# Mabinogi Installation Issues (Just need to know how this problem may be caused)



## Sinangel (Mar 13, 2009)

This would not normally be my first stop for help like this as game forums tend to be way easier to find help on but in this case, I need someone who has some background knowledge on what may be causing the problem rather then someone who knows only the solution. This would because apparently no one on the game forum apparently knows what's wrong thereby not able to fix it.

At any rate, here's the deal: I have downloaded two different downloads both from the main site. One using their downloader and another using a direct download. When both are installing, they both just...stop...It won't have error message, it just stays at a certain % until I cancel the installation.

There is another bug for those who uninstall the game and reinstall that not all the files will be deleted and you have to delete all the files or rename the folder to get it to install.
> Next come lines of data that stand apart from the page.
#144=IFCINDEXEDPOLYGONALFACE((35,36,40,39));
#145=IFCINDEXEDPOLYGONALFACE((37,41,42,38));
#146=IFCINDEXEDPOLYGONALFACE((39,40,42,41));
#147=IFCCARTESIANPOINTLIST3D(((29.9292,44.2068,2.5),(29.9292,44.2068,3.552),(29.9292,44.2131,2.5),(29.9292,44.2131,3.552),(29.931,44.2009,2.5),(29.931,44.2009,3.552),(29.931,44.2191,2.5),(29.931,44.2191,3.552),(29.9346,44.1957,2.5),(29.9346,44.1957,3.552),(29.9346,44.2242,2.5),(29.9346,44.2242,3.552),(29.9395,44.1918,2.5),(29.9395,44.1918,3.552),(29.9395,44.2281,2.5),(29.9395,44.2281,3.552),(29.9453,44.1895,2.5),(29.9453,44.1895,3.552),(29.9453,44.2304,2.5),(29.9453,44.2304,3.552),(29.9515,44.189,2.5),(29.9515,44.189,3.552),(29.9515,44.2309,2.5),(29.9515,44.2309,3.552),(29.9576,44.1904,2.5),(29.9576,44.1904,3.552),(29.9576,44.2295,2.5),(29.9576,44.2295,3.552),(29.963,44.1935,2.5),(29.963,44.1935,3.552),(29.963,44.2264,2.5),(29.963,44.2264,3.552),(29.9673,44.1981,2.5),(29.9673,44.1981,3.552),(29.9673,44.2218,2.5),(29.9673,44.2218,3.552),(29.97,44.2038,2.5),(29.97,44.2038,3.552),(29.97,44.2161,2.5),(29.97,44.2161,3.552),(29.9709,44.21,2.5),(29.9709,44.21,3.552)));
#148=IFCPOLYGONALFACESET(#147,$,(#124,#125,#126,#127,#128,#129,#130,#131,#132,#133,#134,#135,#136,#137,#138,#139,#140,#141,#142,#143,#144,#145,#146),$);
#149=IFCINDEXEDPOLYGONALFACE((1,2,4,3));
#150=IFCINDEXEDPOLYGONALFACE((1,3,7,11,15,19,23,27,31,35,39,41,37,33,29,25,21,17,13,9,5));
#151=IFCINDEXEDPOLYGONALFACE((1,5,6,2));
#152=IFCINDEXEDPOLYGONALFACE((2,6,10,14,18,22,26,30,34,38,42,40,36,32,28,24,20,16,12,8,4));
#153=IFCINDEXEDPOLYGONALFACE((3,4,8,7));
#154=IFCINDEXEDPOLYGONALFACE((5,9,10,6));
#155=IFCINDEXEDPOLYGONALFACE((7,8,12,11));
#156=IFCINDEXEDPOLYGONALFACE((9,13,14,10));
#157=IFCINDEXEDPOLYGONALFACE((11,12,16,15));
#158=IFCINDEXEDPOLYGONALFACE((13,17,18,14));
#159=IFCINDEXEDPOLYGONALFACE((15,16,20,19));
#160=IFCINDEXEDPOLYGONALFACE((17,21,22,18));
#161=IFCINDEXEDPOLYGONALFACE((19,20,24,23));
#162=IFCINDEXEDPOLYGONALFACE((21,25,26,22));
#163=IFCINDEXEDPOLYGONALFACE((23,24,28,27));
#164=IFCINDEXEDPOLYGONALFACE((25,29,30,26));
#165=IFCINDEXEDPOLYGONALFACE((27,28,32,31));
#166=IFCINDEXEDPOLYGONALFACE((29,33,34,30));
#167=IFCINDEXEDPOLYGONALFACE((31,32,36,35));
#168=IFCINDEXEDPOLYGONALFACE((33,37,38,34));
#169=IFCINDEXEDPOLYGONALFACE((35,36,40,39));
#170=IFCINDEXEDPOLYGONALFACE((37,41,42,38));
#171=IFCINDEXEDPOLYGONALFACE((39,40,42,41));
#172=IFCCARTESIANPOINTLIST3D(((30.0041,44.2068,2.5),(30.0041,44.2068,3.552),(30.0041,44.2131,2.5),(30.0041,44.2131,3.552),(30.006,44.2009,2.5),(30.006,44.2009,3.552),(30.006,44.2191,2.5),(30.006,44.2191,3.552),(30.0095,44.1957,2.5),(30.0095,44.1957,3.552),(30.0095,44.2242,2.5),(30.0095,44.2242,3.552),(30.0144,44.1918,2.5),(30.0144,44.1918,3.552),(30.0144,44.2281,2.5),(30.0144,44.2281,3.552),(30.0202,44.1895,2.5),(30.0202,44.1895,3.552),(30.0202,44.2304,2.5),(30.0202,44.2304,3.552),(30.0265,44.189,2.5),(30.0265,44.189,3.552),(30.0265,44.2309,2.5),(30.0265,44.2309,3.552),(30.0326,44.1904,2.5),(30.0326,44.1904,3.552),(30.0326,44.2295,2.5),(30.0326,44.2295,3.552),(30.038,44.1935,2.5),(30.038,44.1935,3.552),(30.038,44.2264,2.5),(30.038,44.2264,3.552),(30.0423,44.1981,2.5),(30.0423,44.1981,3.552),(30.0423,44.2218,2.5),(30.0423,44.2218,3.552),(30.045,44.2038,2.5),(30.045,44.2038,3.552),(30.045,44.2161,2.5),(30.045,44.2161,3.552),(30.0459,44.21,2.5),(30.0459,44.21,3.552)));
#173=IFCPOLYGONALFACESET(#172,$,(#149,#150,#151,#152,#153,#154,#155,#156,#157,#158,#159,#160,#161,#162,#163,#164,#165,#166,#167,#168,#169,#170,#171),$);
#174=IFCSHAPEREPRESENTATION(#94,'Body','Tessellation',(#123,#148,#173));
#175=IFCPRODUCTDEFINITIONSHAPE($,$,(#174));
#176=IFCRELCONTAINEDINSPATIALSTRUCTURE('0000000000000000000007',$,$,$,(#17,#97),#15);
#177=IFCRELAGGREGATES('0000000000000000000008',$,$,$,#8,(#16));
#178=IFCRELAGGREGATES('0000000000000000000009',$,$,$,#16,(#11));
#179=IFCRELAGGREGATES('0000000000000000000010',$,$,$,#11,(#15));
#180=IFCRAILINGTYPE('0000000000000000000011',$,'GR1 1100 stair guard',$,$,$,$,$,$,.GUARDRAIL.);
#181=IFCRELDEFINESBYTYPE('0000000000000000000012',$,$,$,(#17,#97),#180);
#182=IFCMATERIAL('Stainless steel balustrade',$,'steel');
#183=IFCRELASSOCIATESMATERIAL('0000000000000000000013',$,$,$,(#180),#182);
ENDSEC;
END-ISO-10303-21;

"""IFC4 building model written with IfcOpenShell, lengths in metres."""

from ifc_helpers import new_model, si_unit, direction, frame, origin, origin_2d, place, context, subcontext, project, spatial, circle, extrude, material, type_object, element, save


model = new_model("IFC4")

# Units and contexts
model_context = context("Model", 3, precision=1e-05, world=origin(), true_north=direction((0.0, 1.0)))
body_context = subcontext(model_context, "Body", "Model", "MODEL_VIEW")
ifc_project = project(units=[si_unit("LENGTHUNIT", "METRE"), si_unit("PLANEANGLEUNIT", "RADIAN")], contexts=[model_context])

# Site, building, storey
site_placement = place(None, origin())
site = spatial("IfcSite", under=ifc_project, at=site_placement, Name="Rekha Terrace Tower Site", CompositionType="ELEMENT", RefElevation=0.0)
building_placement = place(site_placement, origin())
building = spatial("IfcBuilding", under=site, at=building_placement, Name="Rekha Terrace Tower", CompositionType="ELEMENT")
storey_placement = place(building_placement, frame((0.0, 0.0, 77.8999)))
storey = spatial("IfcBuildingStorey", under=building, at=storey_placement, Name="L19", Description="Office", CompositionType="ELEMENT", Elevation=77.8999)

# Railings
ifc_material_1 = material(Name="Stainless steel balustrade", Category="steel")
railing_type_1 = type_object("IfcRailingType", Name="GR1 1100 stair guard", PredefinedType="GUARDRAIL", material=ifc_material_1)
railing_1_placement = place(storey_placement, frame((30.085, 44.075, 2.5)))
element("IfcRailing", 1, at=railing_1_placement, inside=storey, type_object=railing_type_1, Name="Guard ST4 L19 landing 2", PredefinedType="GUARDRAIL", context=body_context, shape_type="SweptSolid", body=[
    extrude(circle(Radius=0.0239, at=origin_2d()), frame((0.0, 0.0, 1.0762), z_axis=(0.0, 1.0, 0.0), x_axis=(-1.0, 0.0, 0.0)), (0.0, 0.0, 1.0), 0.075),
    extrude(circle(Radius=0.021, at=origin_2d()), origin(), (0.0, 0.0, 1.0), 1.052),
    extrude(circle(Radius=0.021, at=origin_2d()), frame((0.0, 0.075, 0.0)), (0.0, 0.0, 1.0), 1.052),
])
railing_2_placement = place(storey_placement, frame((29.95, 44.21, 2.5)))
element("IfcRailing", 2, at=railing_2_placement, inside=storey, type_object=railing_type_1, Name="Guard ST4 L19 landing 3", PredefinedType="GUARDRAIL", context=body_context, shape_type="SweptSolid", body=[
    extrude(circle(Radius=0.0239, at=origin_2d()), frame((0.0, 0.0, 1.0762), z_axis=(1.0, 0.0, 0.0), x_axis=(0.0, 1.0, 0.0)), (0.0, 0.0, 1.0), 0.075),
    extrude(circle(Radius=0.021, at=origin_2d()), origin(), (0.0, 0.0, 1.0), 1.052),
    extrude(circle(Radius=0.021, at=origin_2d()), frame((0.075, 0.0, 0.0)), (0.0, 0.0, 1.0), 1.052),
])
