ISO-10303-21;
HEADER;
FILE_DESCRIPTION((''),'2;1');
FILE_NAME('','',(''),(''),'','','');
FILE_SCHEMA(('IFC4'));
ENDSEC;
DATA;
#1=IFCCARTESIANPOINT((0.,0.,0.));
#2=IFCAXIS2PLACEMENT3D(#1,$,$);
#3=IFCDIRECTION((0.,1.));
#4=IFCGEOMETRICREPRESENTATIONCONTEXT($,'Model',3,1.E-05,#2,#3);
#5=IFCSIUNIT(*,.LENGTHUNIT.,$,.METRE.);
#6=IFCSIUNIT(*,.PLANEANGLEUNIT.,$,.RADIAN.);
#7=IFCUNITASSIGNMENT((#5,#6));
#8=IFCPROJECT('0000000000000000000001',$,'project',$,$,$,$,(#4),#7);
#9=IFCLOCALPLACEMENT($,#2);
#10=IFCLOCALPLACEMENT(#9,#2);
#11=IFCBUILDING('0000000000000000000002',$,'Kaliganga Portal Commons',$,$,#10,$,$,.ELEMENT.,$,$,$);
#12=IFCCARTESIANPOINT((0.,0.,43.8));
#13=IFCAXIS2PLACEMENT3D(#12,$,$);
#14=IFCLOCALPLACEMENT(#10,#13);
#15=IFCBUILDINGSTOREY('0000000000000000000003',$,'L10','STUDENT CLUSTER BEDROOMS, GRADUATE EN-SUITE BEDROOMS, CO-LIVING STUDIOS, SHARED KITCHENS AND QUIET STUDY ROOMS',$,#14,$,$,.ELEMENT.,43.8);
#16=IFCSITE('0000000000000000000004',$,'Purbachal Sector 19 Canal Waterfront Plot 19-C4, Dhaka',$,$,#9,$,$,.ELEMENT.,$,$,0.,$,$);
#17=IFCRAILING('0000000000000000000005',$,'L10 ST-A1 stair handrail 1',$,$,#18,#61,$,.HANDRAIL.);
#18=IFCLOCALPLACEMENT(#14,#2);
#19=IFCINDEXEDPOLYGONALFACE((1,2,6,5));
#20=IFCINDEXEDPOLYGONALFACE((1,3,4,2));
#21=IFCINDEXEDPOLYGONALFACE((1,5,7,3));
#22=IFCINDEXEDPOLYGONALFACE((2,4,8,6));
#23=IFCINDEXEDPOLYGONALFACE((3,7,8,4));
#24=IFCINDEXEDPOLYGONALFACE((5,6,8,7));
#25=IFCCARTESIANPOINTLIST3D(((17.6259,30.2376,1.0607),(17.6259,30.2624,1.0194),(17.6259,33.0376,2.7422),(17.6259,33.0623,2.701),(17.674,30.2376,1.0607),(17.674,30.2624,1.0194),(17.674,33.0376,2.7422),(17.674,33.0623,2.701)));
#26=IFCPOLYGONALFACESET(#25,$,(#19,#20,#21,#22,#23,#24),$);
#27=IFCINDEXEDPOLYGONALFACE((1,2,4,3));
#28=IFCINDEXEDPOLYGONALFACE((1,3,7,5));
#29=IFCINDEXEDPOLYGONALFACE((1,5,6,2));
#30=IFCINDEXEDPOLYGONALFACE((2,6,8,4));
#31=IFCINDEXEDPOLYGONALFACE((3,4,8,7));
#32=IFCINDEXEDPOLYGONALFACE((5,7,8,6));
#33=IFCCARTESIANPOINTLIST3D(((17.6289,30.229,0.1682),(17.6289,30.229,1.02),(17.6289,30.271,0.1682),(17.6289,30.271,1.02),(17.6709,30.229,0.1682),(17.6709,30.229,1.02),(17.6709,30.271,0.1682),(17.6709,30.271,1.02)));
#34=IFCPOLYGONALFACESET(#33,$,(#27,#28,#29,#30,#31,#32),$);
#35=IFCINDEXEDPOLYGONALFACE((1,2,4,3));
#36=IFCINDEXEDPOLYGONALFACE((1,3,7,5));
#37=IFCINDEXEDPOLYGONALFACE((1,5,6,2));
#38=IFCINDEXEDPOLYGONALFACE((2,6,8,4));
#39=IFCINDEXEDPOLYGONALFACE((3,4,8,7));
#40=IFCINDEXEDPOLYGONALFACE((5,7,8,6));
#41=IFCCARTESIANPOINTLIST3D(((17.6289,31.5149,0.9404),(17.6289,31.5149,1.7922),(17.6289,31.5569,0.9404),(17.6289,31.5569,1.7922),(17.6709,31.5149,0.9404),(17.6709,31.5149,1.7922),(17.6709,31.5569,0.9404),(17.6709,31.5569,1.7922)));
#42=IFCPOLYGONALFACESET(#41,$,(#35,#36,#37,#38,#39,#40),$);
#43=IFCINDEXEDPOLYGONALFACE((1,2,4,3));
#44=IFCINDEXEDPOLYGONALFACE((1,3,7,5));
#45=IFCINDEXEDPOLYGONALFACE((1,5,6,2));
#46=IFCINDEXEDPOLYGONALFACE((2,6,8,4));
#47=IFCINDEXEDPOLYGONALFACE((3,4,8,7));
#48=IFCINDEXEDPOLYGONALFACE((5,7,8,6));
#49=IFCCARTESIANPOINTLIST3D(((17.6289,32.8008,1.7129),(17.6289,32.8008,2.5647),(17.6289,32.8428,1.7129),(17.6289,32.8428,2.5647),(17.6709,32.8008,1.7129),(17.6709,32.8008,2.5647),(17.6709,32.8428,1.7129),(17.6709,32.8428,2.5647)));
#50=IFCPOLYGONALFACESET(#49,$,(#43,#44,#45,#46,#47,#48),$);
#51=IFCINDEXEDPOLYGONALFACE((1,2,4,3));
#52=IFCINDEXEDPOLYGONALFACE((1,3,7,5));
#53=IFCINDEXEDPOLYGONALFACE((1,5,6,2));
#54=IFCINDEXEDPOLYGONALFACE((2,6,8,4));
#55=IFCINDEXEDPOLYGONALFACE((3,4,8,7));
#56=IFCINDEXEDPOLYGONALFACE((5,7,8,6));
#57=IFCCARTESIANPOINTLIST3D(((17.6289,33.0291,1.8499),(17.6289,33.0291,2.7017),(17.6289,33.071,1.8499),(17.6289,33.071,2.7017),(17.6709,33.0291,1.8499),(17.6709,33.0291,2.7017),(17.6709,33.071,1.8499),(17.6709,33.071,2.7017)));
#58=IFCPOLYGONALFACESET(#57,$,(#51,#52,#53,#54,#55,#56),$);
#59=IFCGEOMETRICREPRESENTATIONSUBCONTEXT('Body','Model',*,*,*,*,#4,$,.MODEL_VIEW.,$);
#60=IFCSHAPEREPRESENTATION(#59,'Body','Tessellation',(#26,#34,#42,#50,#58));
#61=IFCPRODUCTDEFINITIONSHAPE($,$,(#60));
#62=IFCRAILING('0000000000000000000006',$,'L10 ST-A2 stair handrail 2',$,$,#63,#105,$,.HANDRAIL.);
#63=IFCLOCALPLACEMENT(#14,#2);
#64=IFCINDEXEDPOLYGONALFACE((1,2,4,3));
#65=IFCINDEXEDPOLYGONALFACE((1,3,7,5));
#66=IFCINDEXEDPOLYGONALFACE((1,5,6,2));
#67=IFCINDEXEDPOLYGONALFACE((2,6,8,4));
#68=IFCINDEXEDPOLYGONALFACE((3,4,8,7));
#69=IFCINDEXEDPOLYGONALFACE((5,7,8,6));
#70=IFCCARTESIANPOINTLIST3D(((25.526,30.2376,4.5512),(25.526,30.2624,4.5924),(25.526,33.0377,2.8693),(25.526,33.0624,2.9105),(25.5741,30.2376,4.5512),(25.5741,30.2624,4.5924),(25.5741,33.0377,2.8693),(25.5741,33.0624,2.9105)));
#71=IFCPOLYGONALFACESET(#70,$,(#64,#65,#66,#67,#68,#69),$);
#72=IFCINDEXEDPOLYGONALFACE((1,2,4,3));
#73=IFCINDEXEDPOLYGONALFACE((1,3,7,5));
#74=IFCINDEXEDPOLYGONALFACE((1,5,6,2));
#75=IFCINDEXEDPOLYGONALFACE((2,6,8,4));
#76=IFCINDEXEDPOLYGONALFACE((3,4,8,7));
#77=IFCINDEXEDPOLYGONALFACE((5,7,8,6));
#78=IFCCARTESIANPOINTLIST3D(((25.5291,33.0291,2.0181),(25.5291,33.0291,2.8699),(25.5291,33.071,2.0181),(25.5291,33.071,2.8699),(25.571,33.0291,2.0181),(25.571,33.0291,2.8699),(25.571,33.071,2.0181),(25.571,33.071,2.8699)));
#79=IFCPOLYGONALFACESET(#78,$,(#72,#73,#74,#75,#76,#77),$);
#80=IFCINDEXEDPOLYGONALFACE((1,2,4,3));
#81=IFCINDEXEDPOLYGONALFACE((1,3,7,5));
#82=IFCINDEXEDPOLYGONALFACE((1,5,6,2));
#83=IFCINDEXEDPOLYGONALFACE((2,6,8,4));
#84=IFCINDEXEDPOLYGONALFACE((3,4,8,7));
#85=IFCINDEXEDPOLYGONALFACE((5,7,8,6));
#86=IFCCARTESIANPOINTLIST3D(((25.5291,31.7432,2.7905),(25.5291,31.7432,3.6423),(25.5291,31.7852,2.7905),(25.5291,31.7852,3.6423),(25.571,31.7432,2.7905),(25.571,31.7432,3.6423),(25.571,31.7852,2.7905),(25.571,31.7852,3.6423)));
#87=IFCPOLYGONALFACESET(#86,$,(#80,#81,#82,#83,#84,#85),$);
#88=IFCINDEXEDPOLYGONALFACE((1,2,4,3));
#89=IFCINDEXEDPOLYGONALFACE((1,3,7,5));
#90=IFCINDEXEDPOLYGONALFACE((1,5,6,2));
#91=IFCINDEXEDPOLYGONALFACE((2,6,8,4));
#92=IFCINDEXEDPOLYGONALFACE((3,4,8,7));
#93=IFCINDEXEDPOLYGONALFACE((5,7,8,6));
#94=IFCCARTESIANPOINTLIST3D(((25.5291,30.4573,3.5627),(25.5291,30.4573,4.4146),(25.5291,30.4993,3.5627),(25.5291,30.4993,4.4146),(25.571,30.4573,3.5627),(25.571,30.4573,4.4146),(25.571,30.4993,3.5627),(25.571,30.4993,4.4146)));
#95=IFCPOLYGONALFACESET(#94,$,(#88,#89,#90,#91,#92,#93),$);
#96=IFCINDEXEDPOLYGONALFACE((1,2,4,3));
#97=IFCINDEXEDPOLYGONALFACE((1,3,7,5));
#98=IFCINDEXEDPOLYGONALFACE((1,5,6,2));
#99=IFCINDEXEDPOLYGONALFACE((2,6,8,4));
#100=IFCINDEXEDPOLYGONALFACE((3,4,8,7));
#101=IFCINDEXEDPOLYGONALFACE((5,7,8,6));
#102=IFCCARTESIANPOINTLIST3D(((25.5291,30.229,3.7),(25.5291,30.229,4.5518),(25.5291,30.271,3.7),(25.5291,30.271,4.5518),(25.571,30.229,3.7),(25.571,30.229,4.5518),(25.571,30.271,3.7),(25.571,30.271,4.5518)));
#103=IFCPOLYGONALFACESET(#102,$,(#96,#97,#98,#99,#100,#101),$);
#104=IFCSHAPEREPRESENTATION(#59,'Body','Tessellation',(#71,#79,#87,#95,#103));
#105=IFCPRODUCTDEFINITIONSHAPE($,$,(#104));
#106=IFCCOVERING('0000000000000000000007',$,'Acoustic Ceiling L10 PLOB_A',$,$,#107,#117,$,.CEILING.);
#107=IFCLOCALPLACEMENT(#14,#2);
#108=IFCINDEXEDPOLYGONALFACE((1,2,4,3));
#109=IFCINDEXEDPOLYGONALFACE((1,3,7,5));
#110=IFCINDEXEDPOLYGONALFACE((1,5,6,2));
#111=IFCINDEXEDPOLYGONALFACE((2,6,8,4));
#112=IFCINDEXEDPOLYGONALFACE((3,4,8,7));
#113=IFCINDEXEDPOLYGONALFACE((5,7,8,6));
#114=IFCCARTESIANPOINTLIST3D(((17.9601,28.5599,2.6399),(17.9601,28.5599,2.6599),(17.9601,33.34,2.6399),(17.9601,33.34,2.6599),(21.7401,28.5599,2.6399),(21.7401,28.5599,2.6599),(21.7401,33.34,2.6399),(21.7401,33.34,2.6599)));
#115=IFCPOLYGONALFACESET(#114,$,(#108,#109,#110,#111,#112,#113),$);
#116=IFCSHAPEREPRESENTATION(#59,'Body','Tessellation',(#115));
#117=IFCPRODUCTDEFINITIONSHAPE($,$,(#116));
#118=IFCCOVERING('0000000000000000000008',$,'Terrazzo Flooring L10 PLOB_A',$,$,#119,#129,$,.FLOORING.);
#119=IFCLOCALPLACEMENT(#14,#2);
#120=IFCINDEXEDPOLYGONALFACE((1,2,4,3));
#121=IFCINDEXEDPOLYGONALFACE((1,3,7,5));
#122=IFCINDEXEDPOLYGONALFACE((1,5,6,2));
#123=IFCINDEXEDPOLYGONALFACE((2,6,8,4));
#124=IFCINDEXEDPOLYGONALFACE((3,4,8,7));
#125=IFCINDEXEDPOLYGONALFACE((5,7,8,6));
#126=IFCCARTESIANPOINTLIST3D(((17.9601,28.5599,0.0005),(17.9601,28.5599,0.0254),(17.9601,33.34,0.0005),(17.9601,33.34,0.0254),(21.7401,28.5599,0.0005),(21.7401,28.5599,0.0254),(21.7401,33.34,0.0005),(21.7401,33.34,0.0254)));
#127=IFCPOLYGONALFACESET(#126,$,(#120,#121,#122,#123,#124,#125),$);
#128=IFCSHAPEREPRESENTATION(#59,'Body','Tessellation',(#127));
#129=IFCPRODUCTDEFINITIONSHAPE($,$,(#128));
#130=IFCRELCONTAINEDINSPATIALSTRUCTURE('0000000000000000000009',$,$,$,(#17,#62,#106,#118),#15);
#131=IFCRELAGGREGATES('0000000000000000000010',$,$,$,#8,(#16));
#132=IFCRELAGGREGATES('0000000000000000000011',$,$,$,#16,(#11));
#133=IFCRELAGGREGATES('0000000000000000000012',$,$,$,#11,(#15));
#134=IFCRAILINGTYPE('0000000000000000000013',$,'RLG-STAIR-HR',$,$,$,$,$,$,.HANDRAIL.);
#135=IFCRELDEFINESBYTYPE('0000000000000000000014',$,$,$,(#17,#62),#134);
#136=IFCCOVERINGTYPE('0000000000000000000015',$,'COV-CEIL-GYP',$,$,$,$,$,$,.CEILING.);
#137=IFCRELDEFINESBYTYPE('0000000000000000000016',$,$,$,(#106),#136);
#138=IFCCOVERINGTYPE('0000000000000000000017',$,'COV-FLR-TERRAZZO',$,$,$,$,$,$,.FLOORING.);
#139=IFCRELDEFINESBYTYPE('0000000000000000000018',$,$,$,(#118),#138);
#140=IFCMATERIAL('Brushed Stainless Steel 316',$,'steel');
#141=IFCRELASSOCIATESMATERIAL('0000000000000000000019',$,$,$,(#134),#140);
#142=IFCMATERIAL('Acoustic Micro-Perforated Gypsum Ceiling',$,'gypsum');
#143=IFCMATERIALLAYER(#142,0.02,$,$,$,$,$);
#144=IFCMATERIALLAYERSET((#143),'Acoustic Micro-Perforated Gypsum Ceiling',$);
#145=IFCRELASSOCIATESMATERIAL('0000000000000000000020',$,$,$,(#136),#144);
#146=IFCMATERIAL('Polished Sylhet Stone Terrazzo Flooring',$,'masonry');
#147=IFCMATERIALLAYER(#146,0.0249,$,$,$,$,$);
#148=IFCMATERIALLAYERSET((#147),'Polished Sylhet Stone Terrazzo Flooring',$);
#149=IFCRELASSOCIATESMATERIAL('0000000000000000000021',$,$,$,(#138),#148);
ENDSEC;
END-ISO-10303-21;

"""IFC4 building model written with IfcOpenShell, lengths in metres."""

from ifc_helpers import new_model, si_unit, direction, frame, origin, origin_2d, place, context, subcontext, project, spatial, rectangle, extrude, source, transform, mapped, material, layer, layer_set, type_object, element, save


model = new_model("IFC4")

# Units and contexts
model_context = context("Model", 3, precision=1e-05, world=origin(), true_north=direction((0.0, 1.0)))
body_context = subcontext(model_context, "Body", "Model", "MODEL_VIEW")
ifc_project = project(units=[si_unit("LENGTHUNIT", "METRE"), si_unit("PLANEANGLEUNIT", "RADIAN")], contexts=[model_context])

# Site, building, storey
site_placement = place(None, origin())
site = spatial("IfcSite", under=ifc_project, at=site_placement, Name="Purbachal Sector 19 Canal Waterfront Plot 19-C4, Dhaka", CompositionType="ELEMENT", RefElevation=0.0)
building_placement = place(site_placement, origin())
building = spatial("IfcBuilding", under=site, at=building_placement, Name="Kaliganga Portal Commons", CompositionType="ELEMENT")
storey_placement = place(building_placement, frame((0.0, 0.0, 43.8)))
storey = spatial("IfcBuildingStorey", under=building, at=storey_placement, Name="L10", Description="STUDENT CLUSTER BEDROOMS, GRADUATE EN-SUITE BEDROOMS, CO-LIVING STUDIOS, SHARED KITCHENS AND QUIET STUDY ROOMS", CompositionType="ELEMENT", Elevation=43.8)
This doesn't work for this particular problem but think the two may be related. Sometimes you need to go into your processes and close the game guard manually. The key difference between my problem and this one is that I'm not a returning player. I have never had this game on my computer. It's driving me wild as I've been trying to figure this out for over 24 hours now. Can anybody help?


----------



## RockmasteR (Aug 10, 2007)

this could be cause by corrupted files.
sometimes when downloading and pausing and then resuming at another time could cause the files downloaded to be corrupted, that issue occurred to me more than once, I try to download a patch that is a little big I paused it and resumed later, when it's finished downloading it was corrupted so I had to download it again...


----------